I love the work I do, which is to write and talk to people about how to make something on purpose. These days I mostly talk to people who are writing or who want to write because a blank page will tell you all you need to know about how responsible we really are for the world we live in. And for writers, the single greatest obstacle to an effortless, pleasurable, profitable writing experience is this thought: What will other people think of it?
I know this because I spent about twenty years writing into the headwind of that unanswerable question. To write without that question is heaven and to write with it is hell. I was reminded of this the other day when I slipped and found myself asking it again. Soon I was feeling the hopeless, life-draining vertigo that comes every time I try to create something to meet other people’s expectations. I knew this feeling intimately. For twenty years, it was what I called normal.
On that day, I did the only thing I knew to do, which was to quit writing and let the feeling pass. As I began returning to myself and life seemed worth living again, it was easy to view my little slip as a narrow escape from Hell. But for my awareness I’d be there still, trapped in a world without happiness. One must be vigilant, tend the fires our heart, lest the world go dark again.
Except here’s the truth: though I would not want to go back to that Hellish place, I do not know how I would be able to do the work I’m doing now without the twenty years I spent there. The experience of trying and trying and trying to create something that will please other people has been invaluable as I write and talk about creating things without thinking about other people. It is the source of my authority.
It is easy for me to believe this same vigilance must be applied to my son Sawyer. But for my attention our world could become a science fiction dystopia, a hellish place where he never thrives because he never learns and changes. This vigilance is unnecessary for two reasons. First, everyone learns and grows. It doesn’t matter what label you have or haven’t received in your life, you will learn and grow. It’s what humans do, whether they want to or not.
Second, somewhere in the future a flower I cannot at the moment perceive will bloom for Sawyer, a flower whose roots were sown in all the turbulence and uncertainty of the present I can perceive. That I wish to see and hold that flower now has been the suffering of my life. Let me see the prize so that I might know the game was worth playing. The game is always worth playing once I allow myself to play it. All the prizes I’ve received in my life have been lost or forgotten, and the still the game goes on. The game does not recognize victory or defeat, it just goes on and on, with no boundaries, and no clock, just the field and all the equal players.
I was having coffee the other day with a writer I’d recently met at a conference. We were having a great conversation, as often happens when two people who share so many interests and beliefs get to really know one another for the first time. I was feeling particularly bouncy that day, and I found I was talking quickly, trying to keep up with the ideas that came as fast as she or I finished the last one. In the middle of one particularly rapid back and forth she stopped me and asked, “Are you ADHD?”
“ADHD. You’re zipping from one idea to the next. I can keep up, but you move really fast. I was wondering if you have ADHD. I have ADHD.”
“Not that I know of.”
I am fifty years old, and this was the first time anyone had ever suggested I had something. I knew her question was more commiserative than diagnostic, but I found it disorienting. For a moment I began picturing myself not just as Bill, but as Bill plus this thing that, by no will of my own, could control my behavior. By this understanding, no matter how we parse it, to have this thing meant I was a little less free.
Which is why I have never said my son Sawyer is autistic. I sometimes find myself needing to quickly explain to someone why we homeschool him or the particular nature of his challenges, and I’ll say he was, “diagnosed on the autism spectrum,” but even this feels dishonest. It places him in a special category that I don’t believe exists, a category that doesn’t serve him or me or the person asking about him. If a special category exists for Sawyer, then such categories conceivably exist for us all.

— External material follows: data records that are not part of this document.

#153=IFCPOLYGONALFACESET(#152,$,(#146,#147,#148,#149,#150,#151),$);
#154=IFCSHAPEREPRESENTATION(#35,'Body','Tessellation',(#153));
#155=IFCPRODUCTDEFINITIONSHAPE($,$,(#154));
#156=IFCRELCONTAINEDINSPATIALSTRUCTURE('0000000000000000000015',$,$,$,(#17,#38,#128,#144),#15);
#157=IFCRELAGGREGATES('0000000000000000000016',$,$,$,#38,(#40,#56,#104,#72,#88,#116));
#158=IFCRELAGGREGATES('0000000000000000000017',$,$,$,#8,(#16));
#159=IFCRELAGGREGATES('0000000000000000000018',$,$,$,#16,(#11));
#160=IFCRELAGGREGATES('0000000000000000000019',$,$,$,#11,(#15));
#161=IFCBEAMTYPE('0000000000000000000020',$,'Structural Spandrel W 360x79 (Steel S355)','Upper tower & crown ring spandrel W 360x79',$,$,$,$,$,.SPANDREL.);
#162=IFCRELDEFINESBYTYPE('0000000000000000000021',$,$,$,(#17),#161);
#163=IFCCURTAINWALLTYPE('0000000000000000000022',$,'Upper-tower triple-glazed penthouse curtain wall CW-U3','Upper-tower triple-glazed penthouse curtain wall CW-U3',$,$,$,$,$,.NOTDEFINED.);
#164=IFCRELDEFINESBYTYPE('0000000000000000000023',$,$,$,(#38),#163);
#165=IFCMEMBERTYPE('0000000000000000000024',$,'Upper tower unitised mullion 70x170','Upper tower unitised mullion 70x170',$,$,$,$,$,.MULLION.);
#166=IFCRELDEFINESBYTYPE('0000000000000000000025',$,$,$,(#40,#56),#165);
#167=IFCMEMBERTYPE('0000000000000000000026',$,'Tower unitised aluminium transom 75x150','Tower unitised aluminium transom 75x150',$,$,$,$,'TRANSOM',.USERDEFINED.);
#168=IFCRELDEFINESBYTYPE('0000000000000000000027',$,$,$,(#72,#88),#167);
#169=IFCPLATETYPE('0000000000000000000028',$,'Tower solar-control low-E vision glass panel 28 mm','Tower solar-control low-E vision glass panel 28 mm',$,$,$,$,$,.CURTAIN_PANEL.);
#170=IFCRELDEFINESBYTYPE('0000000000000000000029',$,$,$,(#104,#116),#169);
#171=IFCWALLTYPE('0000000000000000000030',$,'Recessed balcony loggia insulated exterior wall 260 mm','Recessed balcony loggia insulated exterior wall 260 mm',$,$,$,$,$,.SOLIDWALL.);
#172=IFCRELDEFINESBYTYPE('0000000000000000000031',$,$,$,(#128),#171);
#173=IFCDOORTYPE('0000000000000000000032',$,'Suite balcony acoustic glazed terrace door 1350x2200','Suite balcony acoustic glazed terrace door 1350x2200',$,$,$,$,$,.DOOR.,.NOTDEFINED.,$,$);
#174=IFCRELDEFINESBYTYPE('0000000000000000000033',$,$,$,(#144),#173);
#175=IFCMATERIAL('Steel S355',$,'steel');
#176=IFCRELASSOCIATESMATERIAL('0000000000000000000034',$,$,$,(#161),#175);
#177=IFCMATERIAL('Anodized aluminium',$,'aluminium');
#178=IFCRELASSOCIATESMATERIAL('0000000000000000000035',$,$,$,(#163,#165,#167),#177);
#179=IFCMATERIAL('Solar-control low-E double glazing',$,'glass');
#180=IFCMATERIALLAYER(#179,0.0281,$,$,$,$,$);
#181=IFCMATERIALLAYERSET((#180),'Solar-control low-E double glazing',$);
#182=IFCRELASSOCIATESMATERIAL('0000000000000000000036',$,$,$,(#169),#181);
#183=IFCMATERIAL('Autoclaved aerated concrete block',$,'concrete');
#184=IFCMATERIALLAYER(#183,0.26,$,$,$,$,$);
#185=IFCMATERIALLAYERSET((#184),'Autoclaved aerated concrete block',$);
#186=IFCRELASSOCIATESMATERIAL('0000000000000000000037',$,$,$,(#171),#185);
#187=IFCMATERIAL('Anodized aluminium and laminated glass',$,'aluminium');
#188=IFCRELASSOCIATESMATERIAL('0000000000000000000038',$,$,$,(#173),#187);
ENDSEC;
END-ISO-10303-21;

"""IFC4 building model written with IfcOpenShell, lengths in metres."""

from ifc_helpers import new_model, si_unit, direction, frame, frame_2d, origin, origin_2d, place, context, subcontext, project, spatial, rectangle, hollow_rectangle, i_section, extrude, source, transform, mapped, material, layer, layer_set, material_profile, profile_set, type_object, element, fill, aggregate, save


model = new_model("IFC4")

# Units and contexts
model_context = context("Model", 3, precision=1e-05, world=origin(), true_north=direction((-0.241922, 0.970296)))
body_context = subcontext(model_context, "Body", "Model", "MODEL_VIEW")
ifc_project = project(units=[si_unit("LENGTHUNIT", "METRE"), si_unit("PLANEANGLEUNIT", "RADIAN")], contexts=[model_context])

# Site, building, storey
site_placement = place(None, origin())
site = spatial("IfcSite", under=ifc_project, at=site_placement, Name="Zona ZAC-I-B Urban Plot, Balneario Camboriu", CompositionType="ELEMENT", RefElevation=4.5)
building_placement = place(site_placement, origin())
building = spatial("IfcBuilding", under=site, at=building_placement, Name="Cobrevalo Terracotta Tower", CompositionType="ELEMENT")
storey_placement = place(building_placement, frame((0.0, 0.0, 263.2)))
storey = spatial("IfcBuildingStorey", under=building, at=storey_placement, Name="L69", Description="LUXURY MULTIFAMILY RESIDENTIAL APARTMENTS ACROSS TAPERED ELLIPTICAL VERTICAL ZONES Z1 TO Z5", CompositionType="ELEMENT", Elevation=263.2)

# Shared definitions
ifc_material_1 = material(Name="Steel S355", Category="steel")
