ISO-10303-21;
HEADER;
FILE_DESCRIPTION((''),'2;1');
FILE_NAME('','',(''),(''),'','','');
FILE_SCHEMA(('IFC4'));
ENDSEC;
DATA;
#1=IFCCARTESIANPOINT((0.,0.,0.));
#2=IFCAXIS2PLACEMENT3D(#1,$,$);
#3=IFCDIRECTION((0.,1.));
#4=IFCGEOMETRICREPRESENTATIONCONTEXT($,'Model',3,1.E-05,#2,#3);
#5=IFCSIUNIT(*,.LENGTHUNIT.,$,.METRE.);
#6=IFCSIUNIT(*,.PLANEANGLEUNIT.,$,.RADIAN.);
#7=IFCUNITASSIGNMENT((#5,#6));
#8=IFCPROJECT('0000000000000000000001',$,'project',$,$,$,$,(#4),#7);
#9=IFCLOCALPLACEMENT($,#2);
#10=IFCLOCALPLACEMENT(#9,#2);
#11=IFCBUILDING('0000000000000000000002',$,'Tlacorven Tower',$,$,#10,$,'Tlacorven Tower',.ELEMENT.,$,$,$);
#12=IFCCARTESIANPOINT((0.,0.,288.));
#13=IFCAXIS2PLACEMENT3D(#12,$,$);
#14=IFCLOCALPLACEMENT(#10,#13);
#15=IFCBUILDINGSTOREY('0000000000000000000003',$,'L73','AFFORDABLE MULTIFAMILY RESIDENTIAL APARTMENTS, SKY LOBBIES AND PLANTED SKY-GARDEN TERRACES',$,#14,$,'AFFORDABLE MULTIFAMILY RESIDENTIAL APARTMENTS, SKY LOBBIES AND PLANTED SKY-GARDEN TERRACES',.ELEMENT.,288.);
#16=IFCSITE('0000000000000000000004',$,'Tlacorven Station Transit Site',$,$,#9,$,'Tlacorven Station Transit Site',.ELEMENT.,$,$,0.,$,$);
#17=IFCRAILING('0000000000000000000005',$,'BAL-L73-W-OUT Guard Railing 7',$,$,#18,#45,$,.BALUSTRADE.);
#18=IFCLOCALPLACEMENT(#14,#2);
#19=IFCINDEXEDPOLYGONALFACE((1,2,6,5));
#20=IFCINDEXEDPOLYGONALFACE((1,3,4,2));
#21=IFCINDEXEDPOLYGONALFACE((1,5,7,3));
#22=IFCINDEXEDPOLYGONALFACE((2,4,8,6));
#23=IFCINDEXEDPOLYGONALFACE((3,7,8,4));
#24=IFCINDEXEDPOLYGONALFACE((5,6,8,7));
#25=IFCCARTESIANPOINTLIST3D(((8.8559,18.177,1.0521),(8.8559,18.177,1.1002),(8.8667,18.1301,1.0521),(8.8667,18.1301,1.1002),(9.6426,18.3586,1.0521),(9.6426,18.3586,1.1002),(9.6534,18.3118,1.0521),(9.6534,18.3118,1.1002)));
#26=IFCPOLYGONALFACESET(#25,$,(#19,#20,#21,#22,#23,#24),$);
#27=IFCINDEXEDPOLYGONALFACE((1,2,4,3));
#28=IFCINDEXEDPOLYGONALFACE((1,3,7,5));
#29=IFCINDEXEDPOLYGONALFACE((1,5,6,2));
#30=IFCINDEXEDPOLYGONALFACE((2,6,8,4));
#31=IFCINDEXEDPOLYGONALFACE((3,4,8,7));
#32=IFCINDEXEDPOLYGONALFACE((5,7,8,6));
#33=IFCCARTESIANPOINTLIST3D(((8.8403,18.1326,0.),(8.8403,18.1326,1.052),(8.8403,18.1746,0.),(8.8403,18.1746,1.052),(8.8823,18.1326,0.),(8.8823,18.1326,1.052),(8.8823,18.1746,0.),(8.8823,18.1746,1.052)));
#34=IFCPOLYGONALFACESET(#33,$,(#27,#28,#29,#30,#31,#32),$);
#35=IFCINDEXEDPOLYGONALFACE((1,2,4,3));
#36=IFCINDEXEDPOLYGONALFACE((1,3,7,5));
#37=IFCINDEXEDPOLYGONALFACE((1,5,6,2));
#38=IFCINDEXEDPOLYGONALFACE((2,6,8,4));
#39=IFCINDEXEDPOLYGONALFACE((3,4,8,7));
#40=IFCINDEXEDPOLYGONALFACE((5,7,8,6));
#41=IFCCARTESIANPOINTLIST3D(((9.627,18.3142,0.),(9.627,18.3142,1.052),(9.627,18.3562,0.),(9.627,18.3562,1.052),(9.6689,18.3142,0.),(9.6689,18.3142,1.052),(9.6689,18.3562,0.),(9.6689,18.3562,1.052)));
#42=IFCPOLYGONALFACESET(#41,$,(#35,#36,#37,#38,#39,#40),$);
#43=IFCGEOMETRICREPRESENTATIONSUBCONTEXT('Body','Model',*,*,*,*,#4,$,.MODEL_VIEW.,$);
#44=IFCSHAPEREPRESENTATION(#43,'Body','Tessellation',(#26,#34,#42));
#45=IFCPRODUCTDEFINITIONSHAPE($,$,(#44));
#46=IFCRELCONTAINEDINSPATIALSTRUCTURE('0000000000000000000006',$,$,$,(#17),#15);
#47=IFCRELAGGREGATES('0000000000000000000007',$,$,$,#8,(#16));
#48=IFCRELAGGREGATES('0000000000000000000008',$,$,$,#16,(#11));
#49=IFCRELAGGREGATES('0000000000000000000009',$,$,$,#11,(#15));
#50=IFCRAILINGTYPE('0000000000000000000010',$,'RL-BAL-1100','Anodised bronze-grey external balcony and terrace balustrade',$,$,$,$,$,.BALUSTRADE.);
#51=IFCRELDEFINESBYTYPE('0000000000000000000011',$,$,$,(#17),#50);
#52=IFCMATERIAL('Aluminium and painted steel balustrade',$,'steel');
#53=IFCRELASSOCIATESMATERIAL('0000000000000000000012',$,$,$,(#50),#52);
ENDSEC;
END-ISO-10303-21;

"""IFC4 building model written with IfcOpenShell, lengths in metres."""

from ifc_helpers import new_model, si_unit, direction, frame, origin, origin_2d, place, context, subcontext, project, spatial, rectangle, extrude, source, transform, mapped, material, type_object, element, save


model = new_model("IFC4")

# Units and contexts
model_context = context("Model", 3, precision=1e-05, world=origin(), true_north=direction((0.0, 1.0)))
body_context = subcontext(model_context, "Body", "Model", "MODEL_VIEW")
ifc_project = project(units=[si_unit("LENGTHUNIT", "METRE"), si_unit("PLANEANGLEUNIT", "RADIAN")], contexts=[model_context])

# Site, building, storey
site_placement = place(None, origin())
site = spatial("IfcSite", under=ifc_project, at=site_placement, Name="Tlacorven Station Transit Site", LongName="Tlacorven Station Transit Site", CompositionType="ELEMENT", RefElevation=0.0)
building_placement = place(site_placement, origin())
building = spatial("IfcBuilding", under=site, at=building_placement, Name="Tlacorven Tower", LongName="Tlacorven Tower", CompositionType="ELEMENT")
storey_placement = place(building_placement, frame((0.0, 0.0, 288.0)))
storey = spatial("IfcBuildingStorey", under=building, at=storey_placement, Name="L73", Description="AFFORDABLE MULTIFAMILY RESIDENTIAL APARTMENTS, SKY LOBBIES AND PLANTED SKY-GARDEN TERRACES", LongName="AFFORDABLE MULTIFAMILY RESIDENTIAL APARTMENTS, SKY LOBBIES AND PLANTED SKY-GARDEN TERRACES", CompositionType="ELEMENT", Elevation=288.0)

# Railing
ifc_material_1 = material(Name="Aluminium and painted steel balustrade", Category="steel")
railing_type = type_object("IfcRailingType", Name="RL-BAL-1100", Description="Anodised bronze-grey external balcony and terrace balustrade", PredefinedType="BALUSTRADE", material=ifc_material_1)
shared_shape_1 = source(origin(), body_context, "Body", "SweptSolid", [
    extrude(rectangle(XDim=0.0481, YDim=0.0481, at=origin_2d()), frame((0.0, 0.0, 1.0762), z_axis=(0.974361, 0.224992, 0.0), x_axis=(-0.224992, 0.974361, 0.0)), (0.0, 0.0, 1.0), 0.8074),
    extrude(rectangle(XDim=0.042, YDim=0.042, at=origin_2d()), origin(), (0.0, 0.0, 1.0), 1.052),
    extrude(rectangle(XDim=0.042, YDim=0.042, at=origin_2d()), frame((0.7866, 0.1816, 0.0)), (0.0, 0.0, 1.0), 1.052),
])
railing_1_placement = place(storey_placement, frame((8.8613, 18.1536, 0.0)))
element("IfcRailing", 1, at=railing_1_placement, inside=storey, type_object=railing_type, Name="BAL-L73-W-OUT Guard Railing 7", PredefinedType="BALUSTRADE", context=body_context, shape_type="MappedRepresentation", body=[
    mapped(shared_shape_1, transform((0.0, 0.0, 0.0), scale=1.0)),
])

save(model, "model.ifc")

Last year a young man approached me after I’d delivered a keynote speech that included a brief story about Sawyer. He wanted to ask me about writer’s block and his concerns over rejection. As we talked about the nature of thought, and how difficult it is to write while worrying what other people think of us, he mentioned that he had once been diagnosed with Asperger’s Syndrome.
“Is that right?” I said.
“Yes. But I don’t deal with that any more.” He waved his hand as if dismissing it. “I’m done with that.”

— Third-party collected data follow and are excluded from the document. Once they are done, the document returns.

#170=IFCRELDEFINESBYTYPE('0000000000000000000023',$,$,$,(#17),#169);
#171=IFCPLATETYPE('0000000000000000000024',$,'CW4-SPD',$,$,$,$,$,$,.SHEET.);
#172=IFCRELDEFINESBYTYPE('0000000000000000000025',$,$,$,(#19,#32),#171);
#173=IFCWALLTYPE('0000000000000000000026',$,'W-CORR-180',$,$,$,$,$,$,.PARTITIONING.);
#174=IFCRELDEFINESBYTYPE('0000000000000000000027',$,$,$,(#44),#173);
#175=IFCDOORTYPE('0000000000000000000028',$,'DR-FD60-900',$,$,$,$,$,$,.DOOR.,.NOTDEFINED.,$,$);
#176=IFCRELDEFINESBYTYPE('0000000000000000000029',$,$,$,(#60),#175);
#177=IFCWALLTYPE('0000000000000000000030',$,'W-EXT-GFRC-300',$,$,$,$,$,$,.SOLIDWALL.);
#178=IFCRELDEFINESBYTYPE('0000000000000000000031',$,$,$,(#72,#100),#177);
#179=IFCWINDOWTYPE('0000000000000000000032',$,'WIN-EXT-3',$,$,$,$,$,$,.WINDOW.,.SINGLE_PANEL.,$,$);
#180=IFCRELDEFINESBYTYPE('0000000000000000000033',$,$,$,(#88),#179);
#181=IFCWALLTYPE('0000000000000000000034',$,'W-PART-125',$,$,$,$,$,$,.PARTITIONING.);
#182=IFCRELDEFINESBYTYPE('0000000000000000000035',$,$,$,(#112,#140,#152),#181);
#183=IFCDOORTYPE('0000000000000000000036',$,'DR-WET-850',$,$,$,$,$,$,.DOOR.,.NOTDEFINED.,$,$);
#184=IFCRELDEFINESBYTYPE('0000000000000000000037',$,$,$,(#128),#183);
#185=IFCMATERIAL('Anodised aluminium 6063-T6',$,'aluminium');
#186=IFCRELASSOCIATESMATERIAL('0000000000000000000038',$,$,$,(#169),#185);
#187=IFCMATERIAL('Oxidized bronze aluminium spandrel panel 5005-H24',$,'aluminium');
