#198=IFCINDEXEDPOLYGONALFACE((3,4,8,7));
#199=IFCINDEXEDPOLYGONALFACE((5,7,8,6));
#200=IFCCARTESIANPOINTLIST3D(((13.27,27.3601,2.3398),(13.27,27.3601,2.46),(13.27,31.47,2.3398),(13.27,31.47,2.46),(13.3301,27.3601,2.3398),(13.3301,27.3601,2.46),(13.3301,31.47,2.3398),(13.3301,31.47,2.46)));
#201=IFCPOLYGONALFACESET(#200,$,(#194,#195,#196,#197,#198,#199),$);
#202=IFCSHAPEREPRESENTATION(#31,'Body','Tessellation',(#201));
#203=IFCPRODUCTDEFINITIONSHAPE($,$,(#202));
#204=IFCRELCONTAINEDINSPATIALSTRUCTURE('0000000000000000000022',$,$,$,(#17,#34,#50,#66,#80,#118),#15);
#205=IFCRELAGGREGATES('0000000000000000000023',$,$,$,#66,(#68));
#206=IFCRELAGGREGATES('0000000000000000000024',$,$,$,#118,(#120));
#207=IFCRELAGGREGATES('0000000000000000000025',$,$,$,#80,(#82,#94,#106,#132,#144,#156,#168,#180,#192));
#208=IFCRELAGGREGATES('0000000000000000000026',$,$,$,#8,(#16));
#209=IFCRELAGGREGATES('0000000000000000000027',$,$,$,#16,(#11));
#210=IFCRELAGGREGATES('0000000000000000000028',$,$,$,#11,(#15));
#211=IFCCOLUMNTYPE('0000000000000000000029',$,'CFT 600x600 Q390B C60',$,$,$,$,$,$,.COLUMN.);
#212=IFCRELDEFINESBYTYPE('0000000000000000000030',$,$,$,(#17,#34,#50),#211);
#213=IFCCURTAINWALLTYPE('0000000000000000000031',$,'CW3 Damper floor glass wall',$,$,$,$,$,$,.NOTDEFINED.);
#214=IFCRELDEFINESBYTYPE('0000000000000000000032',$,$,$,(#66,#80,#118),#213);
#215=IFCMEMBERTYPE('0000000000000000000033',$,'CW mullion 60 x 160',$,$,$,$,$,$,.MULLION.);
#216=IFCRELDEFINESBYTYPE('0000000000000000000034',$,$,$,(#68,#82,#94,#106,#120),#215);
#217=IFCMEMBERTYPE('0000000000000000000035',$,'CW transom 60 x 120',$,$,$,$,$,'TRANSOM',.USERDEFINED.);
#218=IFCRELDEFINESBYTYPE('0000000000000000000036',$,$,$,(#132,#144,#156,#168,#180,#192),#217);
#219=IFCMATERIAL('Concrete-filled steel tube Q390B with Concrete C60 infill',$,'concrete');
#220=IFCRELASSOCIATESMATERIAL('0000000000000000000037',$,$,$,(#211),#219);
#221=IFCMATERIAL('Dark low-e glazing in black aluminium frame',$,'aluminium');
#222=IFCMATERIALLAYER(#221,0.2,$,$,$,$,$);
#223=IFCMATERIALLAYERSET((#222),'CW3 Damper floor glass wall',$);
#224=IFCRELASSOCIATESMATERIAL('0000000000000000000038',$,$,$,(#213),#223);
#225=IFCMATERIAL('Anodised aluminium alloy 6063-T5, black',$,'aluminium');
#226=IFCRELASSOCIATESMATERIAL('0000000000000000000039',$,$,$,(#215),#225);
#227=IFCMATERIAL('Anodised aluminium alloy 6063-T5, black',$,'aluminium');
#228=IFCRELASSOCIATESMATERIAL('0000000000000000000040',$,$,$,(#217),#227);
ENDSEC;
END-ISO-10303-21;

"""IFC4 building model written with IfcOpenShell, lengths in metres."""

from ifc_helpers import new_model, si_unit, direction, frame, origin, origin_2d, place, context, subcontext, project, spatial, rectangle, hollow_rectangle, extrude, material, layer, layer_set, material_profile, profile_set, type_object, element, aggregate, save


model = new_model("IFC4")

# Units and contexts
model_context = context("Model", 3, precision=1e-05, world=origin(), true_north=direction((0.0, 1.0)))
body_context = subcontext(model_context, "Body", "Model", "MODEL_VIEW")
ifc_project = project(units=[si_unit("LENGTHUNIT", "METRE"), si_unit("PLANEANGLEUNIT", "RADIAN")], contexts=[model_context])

This seemed exactly right to me. I know labels and diagnosis are supposed to be useful. Someone is doing something we don’t understand; sometimes that someone is us. We give that someone a label and now we can say they are doing this thing because of what of they have. Yet I decline any explanation for what I do other than the exercise of my own free will. That I am not always in command of those choices, that I am not even always aware that I have made a choice is irrelevant. What looks like dysfunction is only practice, another person learning how to live their life on purpose.